Затем как гром среди ясного неба батальоном был получен приказ о передислокации неизвестно куда. Все посчитали, что их перебрасывают за границу, и лагерь охватило веселое возбуждение. Аластер встретился с Соней у проходной.
– Вечером выйти не смогу. Нас передислоцируют. Не знаю куда. Наверно, посылают на фронт…
Он распорядился насчет того, куда ей деться и что делать в его отсутствие. К тому времени оба знали, что Соня беременна.
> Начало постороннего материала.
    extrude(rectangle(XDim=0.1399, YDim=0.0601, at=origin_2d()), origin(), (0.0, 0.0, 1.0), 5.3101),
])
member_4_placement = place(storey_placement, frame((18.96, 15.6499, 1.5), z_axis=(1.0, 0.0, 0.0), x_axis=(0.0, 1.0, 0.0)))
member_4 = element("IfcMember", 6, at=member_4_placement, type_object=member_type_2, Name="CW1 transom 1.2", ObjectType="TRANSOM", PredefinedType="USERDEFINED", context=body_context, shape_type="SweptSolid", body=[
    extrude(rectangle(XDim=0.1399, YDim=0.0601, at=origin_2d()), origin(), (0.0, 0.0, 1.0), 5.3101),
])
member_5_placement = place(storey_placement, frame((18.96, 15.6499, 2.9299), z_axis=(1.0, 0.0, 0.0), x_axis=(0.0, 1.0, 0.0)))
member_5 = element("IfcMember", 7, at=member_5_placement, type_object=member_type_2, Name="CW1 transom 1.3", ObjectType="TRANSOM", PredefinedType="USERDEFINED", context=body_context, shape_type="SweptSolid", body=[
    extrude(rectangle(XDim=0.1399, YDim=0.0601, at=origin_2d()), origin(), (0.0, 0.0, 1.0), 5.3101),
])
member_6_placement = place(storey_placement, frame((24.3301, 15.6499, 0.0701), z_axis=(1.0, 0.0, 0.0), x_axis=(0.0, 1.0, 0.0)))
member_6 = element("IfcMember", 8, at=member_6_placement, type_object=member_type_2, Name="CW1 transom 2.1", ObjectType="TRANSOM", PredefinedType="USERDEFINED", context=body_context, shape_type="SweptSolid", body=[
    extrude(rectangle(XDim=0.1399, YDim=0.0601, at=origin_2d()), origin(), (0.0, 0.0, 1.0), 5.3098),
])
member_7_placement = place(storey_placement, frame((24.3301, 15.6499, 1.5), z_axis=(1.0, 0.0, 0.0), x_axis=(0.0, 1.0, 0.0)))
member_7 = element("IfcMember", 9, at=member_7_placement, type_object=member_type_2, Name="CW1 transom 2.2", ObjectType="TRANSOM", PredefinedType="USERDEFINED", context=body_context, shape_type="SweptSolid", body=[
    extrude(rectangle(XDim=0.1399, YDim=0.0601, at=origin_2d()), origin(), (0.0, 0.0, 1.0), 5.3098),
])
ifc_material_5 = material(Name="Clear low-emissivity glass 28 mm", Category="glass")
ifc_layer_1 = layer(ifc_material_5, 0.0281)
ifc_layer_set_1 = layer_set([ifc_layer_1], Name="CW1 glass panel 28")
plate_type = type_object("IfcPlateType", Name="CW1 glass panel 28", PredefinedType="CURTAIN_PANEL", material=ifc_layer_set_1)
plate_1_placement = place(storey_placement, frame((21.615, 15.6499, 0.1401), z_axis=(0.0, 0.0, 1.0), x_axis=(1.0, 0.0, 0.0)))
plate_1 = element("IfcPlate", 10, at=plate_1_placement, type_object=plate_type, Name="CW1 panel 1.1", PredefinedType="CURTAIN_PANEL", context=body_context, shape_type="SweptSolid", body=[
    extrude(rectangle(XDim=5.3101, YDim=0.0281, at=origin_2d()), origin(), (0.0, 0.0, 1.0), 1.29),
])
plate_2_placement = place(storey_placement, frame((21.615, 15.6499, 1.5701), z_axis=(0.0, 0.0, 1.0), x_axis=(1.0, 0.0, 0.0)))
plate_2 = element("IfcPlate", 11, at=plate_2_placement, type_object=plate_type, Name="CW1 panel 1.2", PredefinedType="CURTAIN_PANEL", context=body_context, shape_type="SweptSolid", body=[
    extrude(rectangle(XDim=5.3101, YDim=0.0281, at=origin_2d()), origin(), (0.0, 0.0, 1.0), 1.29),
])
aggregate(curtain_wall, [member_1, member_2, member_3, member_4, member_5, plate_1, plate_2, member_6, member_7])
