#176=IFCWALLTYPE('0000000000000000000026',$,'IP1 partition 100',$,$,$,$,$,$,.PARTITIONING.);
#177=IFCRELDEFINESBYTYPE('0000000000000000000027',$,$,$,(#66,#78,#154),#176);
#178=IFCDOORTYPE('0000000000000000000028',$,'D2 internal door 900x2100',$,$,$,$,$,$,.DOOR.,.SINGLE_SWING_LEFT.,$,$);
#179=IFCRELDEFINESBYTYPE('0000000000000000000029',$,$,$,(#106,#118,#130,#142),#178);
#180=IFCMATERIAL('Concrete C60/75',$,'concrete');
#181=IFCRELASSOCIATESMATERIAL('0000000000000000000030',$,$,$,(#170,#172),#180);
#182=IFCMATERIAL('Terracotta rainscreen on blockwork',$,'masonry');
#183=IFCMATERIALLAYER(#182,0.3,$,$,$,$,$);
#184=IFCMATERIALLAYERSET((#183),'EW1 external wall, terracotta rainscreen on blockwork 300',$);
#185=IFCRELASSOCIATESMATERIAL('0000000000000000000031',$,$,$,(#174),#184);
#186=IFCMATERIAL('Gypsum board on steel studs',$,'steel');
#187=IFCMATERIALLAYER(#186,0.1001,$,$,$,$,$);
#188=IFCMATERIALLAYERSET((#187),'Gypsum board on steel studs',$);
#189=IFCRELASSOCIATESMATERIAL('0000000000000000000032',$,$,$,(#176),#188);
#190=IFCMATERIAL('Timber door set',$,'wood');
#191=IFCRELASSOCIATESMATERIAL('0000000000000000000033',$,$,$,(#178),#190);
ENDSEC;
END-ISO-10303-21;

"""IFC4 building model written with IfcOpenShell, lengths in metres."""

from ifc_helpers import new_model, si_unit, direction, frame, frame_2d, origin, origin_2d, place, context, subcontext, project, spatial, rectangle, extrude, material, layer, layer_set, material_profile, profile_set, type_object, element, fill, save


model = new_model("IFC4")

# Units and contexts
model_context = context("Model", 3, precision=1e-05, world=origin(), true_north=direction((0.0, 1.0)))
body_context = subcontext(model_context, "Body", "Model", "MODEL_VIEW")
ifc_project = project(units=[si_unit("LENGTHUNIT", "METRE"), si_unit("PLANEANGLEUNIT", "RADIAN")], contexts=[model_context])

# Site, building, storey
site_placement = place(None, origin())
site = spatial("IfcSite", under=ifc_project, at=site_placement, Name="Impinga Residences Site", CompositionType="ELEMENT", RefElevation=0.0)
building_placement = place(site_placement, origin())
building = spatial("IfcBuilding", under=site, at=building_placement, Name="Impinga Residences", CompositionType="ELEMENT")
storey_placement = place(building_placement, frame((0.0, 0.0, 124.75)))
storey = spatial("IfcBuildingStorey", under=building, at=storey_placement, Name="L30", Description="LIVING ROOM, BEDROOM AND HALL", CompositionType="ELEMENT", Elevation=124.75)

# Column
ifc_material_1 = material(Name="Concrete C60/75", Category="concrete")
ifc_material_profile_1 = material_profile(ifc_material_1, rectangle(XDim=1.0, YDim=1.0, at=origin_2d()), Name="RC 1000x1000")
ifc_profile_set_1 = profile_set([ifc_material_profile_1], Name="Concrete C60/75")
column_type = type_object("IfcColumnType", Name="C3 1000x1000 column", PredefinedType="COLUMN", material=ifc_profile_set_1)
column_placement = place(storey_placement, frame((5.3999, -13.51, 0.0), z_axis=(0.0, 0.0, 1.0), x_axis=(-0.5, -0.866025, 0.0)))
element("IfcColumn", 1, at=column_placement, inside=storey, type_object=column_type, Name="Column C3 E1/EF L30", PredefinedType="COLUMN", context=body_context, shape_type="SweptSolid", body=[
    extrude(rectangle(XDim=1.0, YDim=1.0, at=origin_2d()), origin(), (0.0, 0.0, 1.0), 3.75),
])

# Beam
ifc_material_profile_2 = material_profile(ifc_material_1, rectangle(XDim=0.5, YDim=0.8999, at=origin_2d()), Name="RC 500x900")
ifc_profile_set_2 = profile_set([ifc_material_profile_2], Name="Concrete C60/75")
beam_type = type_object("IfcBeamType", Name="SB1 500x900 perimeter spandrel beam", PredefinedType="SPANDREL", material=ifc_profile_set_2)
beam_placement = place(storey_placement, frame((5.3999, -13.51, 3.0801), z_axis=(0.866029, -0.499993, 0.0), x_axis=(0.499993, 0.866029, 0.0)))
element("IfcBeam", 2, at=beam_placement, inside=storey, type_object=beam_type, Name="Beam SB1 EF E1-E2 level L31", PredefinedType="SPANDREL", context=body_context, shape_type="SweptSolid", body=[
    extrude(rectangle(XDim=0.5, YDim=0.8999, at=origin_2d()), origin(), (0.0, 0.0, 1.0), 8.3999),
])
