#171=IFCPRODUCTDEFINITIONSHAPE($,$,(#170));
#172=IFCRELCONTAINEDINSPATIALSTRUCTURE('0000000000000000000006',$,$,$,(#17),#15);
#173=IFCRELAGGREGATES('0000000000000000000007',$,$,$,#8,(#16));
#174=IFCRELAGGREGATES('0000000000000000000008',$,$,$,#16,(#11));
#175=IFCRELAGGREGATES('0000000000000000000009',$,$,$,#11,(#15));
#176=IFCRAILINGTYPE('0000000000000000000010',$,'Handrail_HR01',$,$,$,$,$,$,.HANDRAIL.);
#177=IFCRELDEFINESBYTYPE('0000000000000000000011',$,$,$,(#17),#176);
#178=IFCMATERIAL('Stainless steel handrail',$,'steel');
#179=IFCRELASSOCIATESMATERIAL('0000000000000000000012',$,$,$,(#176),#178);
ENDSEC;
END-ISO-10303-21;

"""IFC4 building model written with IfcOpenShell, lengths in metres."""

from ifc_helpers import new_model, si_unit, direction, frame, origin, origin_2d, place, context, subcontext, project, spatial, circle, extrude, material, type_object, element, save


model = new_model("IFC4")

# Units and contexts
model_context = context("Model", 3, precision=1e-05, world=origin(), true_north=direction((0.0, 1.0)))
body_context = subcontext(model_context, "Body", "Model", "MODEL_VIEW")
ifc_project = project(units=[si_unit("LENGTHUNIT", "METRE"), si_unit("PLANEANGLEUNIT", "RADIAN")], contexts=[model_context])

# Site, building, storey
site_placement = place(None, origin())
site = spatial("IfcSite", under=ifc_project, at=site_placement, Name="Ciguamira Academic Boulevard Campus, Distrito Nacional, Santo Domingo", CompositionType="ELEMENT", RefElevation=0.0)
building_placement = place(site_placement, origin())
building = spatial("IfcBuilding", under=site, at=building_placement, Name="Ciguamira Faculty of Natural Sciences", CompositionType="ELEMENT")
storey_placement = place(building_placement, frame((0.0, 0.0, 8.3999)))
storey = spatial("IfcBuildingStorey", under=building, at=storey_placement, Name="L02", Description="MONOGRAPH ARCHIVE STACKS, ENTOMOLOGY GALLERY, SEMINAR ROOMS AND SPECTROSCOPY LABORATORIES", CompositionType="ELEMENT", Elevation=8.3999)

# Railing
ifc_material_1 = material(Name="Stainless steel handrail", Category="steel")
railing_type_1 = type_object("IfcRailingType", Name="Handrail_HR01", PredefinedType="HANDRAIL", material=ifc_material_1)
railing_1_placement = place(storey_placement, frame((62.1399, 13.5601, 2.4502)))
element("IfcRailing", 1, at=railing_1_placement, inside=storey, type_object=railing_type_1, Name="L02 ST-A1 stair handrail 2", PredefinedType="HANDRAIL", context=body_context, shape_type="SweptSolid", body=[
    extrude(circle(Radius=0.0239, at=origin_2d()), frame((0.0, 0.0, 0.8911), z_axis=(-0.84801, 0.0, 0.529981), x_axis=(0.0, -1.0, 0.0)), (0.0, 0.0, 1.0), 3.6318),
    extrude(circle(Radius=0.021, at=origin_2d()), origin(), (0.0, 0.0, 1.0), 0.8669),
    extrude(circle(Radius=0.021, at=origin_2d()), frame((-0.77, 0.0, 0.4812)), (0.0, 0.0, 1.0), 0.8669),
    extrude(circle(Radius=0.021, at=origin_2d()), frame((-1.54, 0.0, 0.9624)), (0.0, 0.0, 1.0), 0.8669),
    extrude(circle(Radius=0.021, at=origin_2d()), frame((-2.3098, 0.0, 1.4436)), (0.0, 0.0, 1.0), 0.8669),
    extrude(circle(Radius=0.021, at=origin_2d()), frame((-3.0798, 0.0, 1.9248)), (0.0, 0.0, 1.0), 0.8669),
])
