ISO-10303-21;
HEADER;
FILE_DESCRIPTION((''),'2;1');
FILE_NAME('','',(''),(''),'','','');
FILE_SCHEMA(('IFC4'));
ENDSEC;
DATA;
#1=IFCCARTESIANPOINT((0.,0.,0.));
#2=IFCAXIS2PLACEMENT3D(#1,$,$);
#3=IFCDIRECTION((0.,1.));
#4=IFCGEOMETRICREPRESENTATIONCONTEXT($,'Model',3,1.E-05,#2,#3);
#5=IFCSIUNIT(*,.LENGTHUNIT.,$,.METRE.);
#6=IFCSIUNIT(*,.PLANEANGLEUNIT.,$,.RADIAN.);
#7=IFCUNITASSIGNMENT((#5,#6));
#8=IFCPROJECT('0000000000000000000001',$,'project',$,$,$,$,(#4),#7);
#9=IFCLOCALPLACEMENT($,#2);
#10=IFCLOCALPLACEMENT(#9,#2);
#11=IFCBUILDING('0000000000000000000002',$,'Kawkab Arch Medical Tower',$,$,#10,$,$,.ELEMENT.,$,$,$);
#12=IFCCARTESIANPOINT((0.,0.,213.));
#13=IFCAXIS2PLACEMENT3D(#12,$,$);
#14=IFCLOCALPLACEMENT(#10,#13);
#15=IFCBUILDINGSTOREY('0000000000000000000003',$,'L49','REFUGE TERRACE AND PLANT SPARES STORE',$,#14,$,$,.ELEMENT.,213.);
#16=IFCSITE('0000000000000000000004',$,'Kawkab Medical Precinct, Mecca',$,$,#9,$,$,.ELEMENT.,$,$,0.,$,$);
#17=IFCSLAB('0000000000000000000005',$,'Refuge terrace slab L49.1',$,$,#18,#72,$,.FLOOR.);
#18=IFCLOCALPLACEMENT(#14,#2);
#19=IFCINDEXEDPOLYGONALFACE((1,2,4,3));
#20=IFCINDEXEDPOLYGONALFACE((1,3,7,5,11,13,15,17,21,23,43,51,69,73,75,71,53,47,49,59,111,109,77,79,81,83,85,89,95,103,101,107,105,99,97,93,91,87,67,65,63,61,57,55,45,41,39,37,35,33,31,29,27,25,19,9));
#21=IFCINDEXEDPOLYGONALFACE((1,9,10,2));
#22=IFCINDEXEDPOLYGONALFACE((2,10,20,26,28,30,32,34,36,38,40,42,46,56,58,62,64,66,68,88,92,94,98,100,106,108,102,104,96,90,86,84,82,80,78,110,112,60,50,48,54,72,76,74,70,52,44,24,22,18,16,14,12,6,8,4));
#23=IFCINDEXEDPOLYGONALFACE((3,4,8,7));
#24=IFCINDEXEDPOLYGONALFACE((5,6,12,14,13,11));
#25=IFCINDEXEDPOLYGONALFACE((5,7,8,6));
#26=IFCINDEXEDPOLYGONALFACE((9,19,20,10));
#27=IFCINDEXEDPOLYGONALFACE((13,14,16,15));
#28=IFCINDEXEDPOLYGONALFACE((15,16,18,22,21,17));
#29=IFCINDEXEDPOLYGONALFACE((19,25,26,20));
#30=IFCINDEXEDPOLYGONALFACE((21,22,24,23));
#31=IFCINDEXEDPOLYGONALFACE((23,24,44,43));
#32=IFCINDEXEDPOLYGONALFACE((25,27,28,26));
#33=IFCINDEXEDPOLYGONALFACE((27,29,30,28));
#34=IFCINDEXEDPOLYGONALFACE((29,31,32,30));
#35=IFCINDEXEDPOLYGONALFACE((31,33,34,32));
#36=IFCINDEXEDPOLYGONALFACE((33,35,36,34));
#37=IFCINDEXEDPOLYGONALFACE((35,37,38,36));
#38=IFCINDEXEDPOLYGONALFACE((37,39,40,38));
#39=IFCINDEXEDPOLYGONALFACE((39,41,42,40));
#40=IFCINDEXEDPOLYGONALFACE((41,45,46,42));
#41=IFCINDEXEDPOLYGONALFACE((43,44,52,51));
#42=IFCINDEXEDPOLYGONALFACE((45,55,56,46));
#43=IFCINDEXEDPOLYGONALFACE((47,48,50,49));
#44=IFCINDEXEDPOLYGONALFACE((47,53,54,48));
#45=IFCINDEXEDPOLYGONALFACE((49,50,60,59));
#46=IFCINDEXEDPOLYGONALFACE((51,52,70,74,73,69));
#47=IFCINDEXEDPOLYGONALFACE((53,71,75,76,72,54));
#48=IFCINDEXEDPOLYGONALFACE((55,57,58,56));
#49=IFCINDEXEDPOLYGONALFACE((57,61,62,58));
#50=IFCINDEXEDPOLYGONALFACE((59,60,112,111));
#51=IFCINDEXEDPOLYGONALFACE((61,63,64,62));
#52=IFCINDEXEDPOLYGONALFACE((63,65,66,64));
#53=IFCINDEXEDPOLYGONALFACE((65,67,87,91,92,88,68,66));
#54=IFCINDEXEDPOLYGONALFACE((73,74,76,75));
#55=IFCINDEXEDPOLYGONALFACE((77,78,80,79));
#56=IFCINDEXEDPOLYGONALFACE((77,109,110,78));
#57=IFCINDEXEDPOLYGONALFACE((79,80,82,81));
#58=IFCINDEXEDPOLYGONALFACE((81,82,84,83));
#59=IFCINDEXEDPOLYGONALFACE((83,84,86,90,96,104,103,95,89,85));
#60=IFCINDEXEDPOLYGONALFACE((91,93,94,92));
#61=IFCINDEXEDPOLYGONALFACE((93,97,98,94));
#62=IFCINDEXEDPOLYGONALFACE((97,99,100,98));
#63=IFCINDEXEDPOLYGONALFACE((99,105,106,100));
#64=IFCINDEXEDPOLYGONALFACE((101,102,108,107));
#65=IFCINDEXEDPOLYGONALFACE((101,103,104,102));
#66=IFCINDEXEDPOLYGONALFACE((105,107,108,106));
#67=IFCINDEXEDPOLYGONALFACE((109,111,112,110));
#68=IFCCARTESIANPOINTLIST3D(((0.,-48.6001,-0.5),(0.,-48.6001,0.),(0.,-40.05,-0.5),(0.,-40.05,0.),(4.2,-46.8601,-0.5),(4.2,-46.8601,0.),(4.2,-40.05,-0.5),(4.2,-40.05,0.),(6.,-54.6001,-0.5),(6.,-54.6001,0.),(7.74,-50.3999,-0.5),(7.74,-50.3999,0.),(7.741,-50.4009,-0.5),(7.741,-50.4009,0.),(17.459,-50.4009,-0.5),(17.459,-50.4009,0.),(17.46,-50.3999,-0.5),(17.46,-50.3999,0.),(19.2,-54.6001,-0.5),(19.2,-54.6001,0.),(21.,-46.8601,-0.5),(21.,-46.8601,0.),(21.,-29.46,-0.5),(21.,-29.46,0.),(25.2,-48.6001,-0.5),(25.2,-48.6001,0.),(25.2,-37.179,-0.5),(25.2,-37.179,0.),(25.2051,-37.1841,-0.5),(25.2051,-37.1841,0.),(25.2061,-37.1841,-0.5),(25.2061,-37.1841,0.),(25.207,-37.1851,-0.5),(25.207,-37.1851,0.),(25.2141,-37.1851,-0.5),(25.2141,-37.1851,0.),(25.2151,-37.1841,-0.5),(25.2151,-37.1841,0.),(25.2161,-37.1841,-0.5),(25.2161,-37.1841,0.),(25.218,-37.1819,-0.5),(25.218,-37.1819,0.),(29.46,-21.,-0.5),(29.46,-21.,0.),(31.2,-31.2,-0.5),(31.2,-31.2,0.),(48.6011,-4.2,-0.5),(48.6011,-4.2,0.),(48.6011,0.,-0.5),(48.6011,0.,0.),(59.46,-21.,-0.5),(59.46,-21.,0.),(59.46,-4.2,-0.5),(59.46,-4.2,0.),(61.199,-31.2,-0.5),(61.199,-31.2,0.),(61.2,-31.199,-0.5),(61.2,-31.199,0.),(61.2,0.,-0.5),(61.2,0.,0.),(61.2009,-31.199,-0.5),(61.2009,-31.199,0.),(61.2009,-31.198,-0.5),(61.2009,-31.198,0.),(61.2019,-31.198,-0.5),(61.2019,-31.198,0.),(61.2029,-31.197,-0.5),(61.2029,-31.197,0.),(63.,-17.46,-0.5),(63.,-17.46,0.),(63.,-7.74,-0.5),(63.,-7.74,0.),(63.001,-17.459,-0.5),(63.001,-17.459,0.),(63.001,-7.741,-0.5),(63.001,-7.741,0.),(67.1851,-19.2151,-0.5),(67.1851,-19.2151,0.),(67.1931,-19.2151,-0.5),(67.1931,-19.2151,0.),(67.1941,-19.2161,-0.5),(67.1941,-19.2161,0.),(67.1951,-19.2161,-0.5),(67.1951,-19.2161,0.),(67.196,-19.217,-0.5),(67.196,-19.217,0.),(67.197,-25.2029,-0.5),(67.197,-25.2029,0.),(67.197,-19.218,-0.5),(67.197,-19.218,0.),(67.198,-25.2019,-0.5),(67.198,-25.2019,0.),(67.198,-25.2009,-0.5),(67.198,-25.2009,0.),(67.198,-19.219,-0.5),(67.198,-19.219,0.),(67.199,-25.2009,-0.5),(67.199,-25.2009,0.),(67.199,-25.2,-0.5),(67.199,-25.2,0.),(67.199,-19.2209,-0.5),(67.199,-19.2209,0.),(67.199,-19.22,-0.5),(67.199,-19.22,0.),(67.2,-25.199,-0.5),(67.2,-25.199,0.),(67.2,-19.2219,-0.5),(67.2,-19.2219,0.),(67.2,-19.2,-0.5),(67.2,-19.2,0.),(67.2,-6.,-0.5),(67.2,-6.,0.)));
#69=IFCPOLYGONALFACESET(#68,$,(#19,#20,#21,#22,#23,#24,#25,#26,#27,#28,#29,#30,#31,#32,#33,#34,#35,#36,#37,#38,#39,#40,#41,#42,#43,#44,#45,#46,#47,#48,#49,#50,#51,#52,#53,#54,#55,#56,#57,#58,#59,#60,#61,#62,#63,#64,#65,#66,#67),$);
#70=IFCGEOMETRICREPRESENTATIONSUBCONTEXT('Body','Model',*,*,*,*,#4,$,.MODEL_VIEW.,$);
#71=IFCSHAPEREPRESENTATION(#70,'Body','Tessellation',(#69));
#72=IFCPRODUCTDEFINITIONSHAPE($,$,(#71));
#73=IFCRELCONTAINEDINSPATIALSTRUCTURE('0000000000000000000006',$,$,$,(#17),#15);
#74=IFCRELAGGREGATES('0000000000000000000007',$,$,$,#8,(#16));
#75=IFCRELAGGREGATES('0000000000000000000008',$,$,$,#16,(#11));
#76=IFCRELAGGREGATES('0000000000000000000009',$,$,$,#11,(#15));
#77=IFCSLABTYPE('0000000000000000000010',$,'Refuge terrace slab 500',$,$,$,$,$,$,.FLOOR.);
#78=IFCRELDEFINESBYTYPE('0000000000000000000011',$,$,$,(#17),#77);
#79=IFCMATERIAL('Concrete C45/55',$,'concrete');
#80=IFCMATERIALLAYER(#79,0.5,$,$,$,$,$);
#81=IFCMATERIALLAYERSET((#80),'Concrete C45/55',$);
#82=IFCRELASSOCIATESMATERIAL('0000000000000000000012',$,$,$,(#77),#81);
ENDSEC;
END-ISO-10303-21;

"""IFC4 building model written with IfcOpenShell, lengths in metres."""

from ifc_helpers import new_model, si_unit, direction, frame, origin, place, context, subcontext, project, spatial, polyline, outline, extrude, material, layer, layer_set, type_object, element, save


model = new_model("IFC4")

# Units and contexts
model_context = context("Model", 3, precision=1e-05, world=origin(), true_north=direction((0.0, 1.0)))
body_context = subcontext(model_context, "Body", "Model", "MODEL_VIEW")
ifc_project = project(units=[si_unit("LENGTHUNIT", "METRE"), si_unit("PLANEANGLEUNIT", "RADIAN")], contexts=[model_context])

# Site, building, storey
site_placement = place(None, origin())
site = spatial("IfcSite", under=ifc_project, at=site_placement, Name="Kawkab Medical Precinct, Mecca", CompositionType="ELEMENT", RefElevation=0.0)
building_placement = place(site_placement, origin())
building = spatial("IfcBuilding", under=site, at=building_placement, Name="Kawkab Arch Medical Tower", CompositionType="ELEMENT")
storey_placement = place(building_placement, frame((0.0, 0.0, 213.0)))
storey = spatial("IfcBuildingStorey", under=building, at=storey_placement, Name="L49", Description="REFUGE TERRACE AND PLANT SPARES STORE", CompositionType="ELEMENT", Elevation=213.0)

# Slab
ifc_material_1 = material(Name="Concrete C45/55", Category="concrete")
ifc_layer_1 = layer(ifc_material_1, 0.5)
ifc_layer_set_1 = layer_set([ifc_layer_1], Name="Concrete C45/55")
slab_type_1 = type_object("IfcSlabType", Name="Refuge terrace slab 500", PredefinedType="FLOOR", material=ifc_layer_set_1)
placement_1 = place(storey_placement, frame((0.0, 0.0, -0.5)))
element("IfcSlab", 1, at=placement_1, inside=storey, type_object=slab_type_1, Name="Refuge terrace slab L49.1", PredefinedType="FLOOR", context=body_context, shape_type="SweptSolid", body=[
    extrude(outline(polyline([(0.0, -40.05), (0.0, -40.05), (4.2, -40.05), (4.2, -40.05), (4.2, -40.05), (4.2, -46.8601), (7.74, -50.3999), (7.741, -50.4009), (17.459, -50.4009), (17.46, -50.3999), (21.0, -46.8601), (21.0, -29.46), (21.0, -29.46), (21.0, -29.46), (29.46, -21.0), (29.46, -21.0), (29.46, -21.0), (59.46, -21.0), (63.0, -17.46), (63.001, -17.459), (63.001, -7.741), (63.0, -7.74), (59.46, -4.2), (48.6011, -4.2), (48.6011, -4.2), (48.6011, -4.2), (48.6011, 0.0), (48.6011, 0.0), (48.6011, 0.0), (61.2, 0.0), (61.2, 0.0), (61.2, 0.0), (67.2, -6.0), (67.2, -6.0), (67.2, -6.0), (67.2, -19.2), (67.2, -19.2), (67.2, -19.2), (67.1851, -19.2151), (67.1931, -19.2151), (67.1931, -19.2151), (67.1931, -19.2151), (67.1941, -19.2161), (67.1951, -19.2161), (67.1951, -19.2161), (67.196, -19.217), (67.197, -19.218), (67.198, -19.219), (67.199, -19.22), (67.199, -19.22), (67.199, -19.2209), (67.2, -19.2219), (67.2, -19.2219), (67.2, -19.2219), (67.2, -25.199), (67.2, -25.199), (67.2, -25.199), (67.199, -25.2), (67.199, -25.2009), (67.198, -25.2009), (67.198, -25.2019), (67.198, -25.2019), (67.197, -25.2029), (61.2029, -31.197), (61.2019, -31.198), (61.2019, -31.198), (61.2009, -31.198), (61.2009, -31.199), (61.2, -31.199), (61.199, -31.2), (61.199, -31.2), (61.199, -31.2), (31.2, -31.2), (25.218, -37.1819), (25.2161, -37.1841), (25.2161, -37.1841), (25.2151, -37.1841), (25.2141, -37.1851), (25.2141, -37.1851), (25.2141, -37.1851), (25.207, -37.1851), (25.207, -37.1851), (25.207, -37.1851), (25.2061, -37.1841), (25.2051, -37.1841), (25.2, -37.179), (25.2, -48.6001), (25.2, -48.6001), (25.2, -48.6001), (19.2, -54.6001), (19.2, -54.6001), (19.2, -54.6001), (6.0, -54.6001), (6.0, -54.6001), (6.0, -54.6001), (0.0, -48.6001), (0.0, -48.6001), (0.0, -48.6001), (0.0, -40.05), (0.0, -40.05)])), origin(), (0.0, 0.0, 1.0), 0.5),
])

save(model, "model.ifc")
Поступил особый приказ, запрещавший проводы солдат на вокзале, даже сам факт, что батальон перебрасывают, должен был оставаться тайной. Для соблюдения полной секретности в эшелон они грузились ночью, тревожа сон окрестных жителей топотом тяжелых солдатских ботинок и ревом грузовиков, сновавших туда-сюда между лагерем и вокзалом и перевозивших имущество.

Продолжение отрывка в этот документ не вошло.